Неужели заметил пропажу?
Она подняла кольцо, метнулась через всю комнату к своей кровати и положила его под подушку. Затем, дрожа, вернулась к двери и тихо проскользнула туда, где ее ждал Нарволо.
— О, пришла наконец, мерзопакостная девчонка… Долго же я тебя ждал.
Меропа потупила взгляд, ожидая самого худшего.
— Принеси мне воды. Немедленно! У меня во рту — пустыня.

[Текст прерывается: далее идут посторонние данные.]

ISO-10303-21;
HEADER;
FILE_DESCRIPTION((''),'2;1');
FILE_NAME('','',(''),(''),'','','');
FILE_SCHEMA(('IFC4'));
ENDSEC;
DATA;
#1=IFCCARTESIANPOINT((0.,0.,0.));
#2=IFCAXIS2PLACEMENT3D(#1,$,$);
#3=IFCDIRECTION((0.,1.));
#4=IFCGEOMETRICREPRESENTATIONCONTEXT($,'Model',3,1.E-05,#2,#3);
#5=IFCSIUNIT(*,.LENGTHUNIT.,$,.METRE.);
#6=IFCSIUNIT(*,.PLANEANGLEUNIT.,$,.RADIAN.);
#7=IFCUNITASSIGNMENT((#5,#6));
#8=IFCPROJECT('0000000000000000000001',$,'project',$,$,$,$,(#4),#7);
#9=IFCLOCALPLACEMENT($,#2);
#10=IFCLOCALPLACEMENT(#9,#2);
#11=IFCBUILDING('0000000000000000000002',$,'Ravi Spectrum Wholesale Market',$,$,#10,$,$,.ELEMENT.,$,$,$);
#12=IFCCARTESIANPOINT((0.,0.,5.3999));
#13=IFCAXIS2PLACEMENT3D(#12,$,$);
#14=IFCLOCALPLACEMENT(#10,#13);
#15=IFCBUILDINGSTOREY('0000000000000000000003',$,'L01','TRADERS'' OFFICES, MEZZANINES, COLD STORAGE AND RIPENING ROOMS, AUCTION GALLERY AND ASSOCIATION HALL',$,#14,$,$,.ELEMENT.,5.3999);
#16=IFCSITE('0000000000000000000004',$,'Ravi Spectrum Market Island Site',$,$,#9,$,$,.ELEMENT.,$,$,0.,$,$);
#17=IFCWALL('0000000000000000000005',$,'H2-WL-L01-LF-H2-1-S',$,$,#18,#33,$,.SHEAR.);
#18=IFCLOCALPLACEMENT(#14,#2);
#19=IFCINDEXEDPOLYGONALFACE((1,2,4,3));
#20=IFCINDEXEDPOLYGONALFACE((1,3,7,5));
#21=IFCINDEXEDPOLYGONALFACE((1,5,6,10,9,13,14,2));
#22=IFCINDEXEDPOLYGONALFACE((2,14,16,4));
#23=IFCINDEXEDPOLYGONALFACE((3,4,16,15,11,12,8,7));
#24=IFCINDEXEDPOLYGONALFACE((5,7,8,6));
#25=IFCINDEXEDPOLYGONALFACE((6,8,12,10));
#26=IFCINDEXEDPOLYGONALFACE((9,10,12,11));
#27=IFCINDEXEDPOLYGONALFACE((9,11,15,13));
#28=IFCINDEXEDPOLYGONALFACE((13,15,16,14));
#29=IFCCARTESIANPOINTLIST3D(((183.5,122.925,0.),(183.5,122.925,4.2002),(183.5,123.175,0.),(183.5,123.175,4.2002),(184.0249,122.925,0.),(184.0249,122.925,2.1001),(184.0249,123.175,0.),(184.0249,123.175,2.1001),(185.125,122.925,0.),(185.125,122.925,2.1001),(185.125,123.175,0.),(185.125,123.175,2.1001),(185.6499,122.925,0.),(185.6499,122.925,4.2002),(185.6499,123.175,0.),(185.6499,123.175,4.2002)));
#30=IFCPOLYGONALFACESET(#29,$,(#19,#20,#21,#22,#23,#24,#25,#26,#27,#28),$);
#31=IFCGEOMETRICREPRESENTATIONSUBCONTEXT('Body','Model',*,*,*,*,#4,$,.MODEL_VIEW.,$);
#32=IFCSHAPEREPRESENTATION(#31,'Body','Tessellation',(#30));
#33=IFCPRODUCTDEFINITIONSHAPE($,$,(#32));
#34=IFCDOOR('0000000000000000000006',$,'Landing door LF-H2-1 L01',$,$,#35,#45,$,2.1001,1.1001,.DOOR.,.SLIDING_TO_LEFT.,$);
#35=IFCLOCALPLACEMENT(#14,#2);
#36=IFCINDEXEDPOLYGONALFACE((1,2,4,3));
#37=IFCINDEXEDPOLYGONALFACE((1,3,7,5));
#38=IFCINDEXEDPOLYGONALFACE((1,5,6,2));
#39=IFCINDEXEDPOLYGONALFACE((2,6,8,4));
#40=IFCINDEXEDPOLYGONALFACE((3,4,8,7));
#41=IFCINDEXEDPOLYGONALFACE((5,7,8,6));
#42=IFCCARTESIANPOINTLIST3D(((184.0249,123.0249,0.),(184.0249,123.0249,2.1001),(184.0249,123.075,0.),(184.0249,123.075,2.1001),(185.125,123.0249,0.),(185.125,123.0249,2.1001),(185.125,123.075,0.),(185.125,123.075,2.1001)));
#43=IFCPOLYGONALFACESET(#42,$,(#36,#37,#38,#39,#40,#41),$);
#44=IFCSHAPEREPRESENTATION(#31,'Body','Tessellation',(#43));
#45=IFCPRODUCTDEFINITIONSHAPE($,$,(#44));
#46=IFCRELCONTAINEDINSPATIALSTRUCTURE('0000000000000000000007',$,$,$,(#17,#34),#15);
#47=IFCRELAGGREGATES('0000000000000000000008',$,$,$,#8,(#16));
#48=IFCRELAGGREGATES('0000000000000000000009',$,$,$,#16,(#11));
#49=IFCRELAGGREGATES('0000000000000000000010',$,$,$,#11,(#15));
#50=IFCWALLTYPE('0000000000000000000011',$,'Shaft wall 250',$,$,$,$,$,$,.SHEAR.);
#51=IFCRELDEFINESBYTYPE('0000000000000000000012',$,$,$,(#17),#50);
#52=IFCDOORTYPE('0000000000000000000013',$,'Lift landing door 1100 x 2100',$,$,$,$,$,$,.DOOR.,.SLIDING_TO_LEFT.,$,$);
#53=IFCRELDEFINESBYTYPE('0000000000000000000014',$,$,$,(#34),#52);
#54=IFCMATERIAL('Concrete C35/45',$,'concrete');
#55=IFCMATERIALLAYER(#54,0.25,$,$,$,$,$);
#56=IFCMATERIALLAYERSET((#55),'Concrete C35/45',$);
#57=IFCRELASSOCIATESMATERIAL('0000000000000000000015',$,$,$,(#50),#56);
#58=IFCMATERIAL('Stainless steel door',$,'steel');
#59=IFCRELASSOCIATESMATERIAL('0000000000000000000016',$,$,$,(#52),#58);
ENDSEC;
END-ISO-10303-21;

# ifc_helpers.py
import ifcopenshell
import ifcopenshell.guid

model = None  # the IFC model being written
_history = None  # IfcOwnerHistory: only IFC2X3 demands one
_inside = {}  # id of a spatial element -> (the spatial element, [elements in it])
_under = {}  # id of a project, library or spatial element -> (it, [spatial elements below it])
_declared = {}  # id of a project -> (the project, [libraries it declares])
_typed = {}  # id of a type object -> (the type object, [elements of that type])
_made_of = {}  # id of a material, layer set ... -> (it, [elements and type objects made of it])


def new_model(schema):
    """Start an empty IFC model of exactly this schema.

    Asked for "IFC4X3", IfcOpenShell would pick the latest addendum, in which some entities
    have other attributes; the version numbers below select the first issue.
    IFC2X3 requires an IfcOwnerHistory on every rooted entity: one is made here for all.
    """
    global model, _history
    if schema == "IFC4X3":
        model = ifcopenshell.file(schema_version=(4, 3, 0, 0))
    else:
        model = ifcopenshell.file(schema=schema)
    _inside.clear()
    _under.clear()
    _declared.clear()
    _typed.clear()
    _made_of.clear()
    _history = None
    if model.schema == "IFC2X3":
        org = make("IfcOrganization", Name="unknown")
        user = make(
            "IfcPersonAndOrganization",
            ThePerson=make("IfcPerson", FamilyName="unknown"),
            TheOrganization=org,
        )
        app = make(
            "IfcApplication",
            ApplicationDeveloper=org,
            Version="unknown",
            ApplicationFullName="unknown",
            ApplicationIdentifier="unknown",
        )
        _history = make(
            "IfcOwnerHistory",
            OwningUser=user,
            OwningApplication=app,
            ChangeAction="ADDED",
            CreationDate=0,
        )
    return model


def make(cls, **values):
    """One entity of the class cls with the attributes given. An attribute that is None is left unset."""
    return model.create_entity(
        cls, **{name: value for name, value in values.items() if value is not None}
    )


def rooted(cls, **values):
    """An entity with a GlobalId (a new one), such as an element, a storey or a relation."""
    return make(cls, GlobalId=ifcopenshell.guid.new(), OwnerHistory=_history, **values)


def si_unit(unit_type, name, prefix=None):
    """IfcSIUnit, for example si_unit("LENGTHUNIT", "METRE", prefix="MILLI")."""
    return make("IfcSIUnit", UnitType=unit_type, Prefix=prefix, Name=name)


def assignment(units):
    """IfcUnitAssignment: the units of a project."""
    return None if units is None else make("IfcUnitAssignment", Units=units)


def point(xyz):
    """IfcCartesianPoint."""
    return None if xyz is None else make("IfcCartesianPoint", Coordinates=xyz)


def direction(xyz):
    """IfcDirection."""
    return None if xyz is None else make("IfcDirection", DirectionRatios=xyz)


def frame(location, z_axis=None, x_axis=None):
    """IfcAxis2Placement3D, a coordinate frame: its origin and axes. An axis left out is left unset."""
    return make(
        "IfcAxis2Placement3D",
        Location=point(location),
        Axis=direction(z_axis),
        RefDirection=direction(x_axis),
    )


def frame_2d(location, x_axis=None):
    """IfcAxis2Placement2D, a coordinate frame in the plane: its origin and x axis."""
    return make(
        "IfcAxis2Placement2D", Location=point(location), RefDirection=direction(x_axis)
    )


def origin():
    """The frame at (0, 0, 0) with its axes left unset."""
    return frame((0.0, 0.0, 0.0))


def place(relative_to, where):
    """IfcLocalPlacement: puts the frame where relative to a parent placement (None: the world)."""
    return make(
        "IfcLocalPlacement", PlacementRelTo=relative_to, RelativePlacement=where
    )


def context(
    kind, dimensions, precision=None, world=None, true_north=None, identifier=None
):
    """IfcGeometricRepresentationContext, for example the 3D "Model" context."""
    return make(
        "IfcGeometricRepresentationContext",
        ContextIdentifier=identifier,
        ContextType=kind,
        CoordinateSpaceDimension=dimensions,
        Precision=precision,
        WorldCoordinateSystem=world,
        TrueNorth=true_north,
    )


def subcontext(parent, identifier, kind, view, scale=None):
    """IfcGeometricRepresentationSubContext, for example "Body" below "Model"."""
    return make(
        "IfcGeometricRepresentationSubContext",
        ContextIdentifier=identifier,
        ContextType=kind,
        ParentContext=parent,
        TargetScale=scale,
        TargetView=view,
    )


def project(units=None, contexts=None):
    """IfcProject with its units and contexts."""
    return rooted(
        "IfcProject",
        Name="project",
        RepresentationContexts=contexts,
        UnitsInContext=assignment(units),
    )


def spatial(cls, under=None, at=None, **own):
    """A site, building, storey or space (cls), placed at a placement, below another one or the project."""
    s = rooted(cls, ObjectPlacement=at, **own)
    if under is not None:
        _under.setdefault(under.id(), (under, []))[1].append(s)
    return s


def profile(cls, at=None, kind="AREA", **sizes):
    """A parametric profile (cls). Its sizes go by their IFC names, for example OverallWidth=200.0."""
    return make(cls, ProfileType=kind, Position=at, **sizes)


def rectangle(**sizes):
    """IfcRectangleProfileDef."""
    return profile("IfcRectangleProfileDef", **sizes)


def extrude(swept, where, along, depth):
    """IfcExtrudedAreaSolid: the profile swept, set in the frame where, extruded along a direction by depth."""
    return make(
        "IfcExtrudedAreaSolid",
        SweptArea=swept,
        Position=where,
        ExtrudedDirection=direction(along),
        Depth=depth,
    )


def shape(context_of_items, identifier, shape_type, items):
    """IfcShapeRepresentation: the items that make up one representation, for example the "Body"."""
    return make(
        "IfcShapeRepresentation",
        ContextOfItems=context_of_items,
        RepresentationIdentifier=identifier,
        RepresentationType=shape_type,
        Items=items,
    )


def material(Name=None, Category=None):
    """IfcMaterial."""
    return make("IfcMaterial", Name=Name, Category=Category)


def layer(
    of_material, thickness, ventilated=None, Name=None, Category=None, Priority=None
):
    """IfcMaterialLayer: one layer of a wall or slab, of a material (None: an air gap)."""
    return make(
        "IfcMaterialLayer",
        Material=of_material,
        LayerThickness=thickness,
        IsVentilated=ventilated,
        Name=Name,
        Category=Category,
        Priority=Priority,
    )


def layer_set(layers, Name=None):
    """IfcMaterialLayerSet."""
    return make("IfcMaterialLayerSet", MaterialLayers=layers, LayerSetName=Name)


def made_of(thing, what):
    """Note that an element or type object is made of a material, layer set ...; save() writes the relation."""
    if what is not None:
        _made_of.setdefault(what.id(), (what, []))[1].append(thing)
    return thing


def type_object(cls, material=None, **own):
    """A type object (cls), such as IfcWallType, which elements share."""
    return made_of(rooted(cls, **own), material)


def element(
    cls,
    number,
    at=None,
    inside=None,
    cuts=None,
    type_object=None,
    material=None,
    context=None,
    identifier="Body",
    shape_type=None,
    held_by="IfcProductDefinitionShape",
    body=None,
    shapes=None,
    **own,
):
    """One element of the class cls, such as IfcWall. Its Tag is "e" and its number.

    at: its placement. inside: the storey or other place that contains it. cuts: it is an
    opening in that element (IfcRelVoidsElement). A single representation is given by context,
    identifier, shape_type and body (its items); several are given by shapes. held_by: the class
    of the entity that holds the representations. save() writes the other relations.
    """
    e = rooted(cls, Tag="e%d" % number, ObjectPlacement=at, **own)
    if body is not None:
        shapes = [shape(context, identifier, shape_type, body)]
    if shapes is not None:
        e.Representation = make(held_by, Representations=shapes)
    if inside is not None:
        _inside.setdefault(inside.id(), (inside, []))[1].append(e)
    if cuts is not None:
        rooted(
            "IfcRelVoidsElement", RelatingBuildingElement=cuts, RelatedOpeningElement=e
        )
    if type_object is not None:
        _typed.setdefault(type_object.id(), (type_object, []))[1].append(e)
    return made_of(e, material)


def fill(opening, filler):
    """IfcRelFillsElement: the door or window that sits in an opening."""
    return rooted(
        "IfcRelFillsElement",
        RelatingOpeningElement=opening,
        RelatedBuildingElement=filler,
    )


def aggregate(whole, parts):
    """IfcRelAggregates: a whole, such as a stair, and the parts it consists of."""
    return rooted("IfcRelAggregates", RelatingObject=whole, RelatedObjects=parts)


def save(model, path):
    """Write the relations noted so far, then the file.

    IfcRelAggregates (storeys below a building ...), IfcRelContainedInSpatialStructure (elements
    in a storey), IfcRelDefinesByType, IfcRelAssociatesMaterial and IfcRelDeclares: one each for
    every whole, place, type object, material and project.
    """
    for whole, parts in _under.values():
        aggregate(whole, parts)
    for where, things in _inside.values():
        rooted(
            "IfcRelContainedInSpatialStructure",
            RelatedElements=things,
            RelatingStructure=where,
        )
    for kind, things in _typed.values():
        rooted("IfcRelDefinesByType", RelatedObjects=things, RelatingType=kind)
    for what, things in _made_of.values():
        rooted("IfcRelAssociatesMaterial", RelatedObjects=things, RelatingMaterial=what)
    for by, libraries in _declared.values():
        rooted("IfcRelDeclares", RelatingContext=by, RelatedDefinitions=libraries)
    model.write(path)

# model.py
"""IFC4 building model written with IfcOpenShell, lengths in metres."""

from ifc_helpers import new_model, si_unit, direction, frame, frame_2d, origin, place, context, subcontext, project, spatial, rectangle, extrude, material, layer, layer_set, type_object, element, fill, save


model = new_model("IFC4")

# Units and contexts
model_context = context("Model", 3, precision=1e-05, world=origin(), true_north=direction((0.0, 1.0)))
body_context = subcontext(model_context, "Body", "Model", "MODEL_VIEW")
ifc_project = project(units=[si_unit("LENGTHUNIT", "METRE"), si_unit("PLANEANGLEUNIT", "RADIAN")], contexts=[model_context])

# Site, building, storey
site_placement = place(None, origin())
site = spatial("IfcSite", under=ifc_project, at=site_placement, Name="Ravi Spectrum Market Island Site", CompositionType="ELEMENT", RefElevation=0.0)
building_placement = place(site_placement, origin())
building = spatial("IfcBuilding", under=site, at=building_placement, Name="Ravi Spectrum Wholesale Market", CompositionType="ELEMENT")
storey_placement = place(building_placement, frame((0.0, 0.0, 5.3999)))
storey = spatial("IfcBuildingStorey", under=building, at=storey_placement, Name="L01", Description="TRADERS' OFFICES, MEZZANINES, COLD STORAGE AND RIPENING ROOMS, AUCTION GALLERY AND ASSOCIATION HALL", CompositionType="ELEMENT", Elevation=5.3999)

# Wall, opening, door
ifc_material_1 = material(Name="Concrete C35/45", Category="concrete")
ifc_layer_1 = layer(ifc_material_1, 0.25)
ifc_layer_set_1 = layer_set([ifc_layer_1], Name="Concrete C35/45")
wall_type_1 = type_object("IfcWallType", Name="Shaft wall 250", PredefinedType="SHEAR", material=ifc_layer_set_1)
wall_1_placement = place(storey_placement, frame((183.5, 123.05, 0.0), z_axis=(0.0, 0.0, 1.0), x_axis=(1.0, 0.0, 0.0)))
wall_1 = element("IfcWall", 1, at=wall_1_placement, inside=storey, type_object=wall_type_1, Name="H2-WL-L01-LF-H2-1-S", PredefinedType="SHEAR", context=body_context, shape_type="SweptSolid", body=[
    extrude(rectangle(XDim=2.1499, YDim=0.25, at=frame_2d((1.075, 0.0))), origin(), (0.0, 0.0, 1.0), 4.2002),
])
opening_1_placement = place(wall_1_placement, frame((0.5249, 0.0, 0.0)))
opening_1 = element("IfcOpeningElement", 2, at=opening_1_placement, cuts=wall_1, PredefinedType="OPENING", context=body_context, shape_type="SweptSolid", body=[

Девушка не поверила своим ушам.
— Ну, что ты стоишь столбом? — старый Мракс начинал сердиться.
— Сейчас, отец, я принесу вам воды.
Меропа подбежала к полке, схватила с нее тяжелый кувшин и трясущимися руками налила воды в чашку. По-прежнему глядя в пол, она приблизилась к креслу и протянула ее Нарволо; тот глянул на дочь исподлобья, хмыкнул и вырвал чашку из ее рук. Коротким кивком головы он дал понять, что больше ее не задерживает.
Она выскочила из комнаты туда, где у них была грязная, заставленная хозяйственным инвентарем прихожая; всю грязную работу в доме выполняла исключительно Меропа, увидеть магическую помощь от отца и брата было бы настоящим чудом.
— Ой, сестричка, а что же ты тут делаешь-то?
Меропа испуганно зажмурилась, когда перед ней неожиданно возник, словно вырос из-под земли, Морфин. Он глумливо ухмылялся и неторопливо поглаживал себя по заросшему щетиной подбородку.
— Я… я не знаю.
— Она не знает!.. А чего ж ты выперлась тогда, если ТЫ НЕ ЗНАЕШЬ? — Морфин скорчил отвратительную рожу и взмахнул грязными ладонями у лица сестры.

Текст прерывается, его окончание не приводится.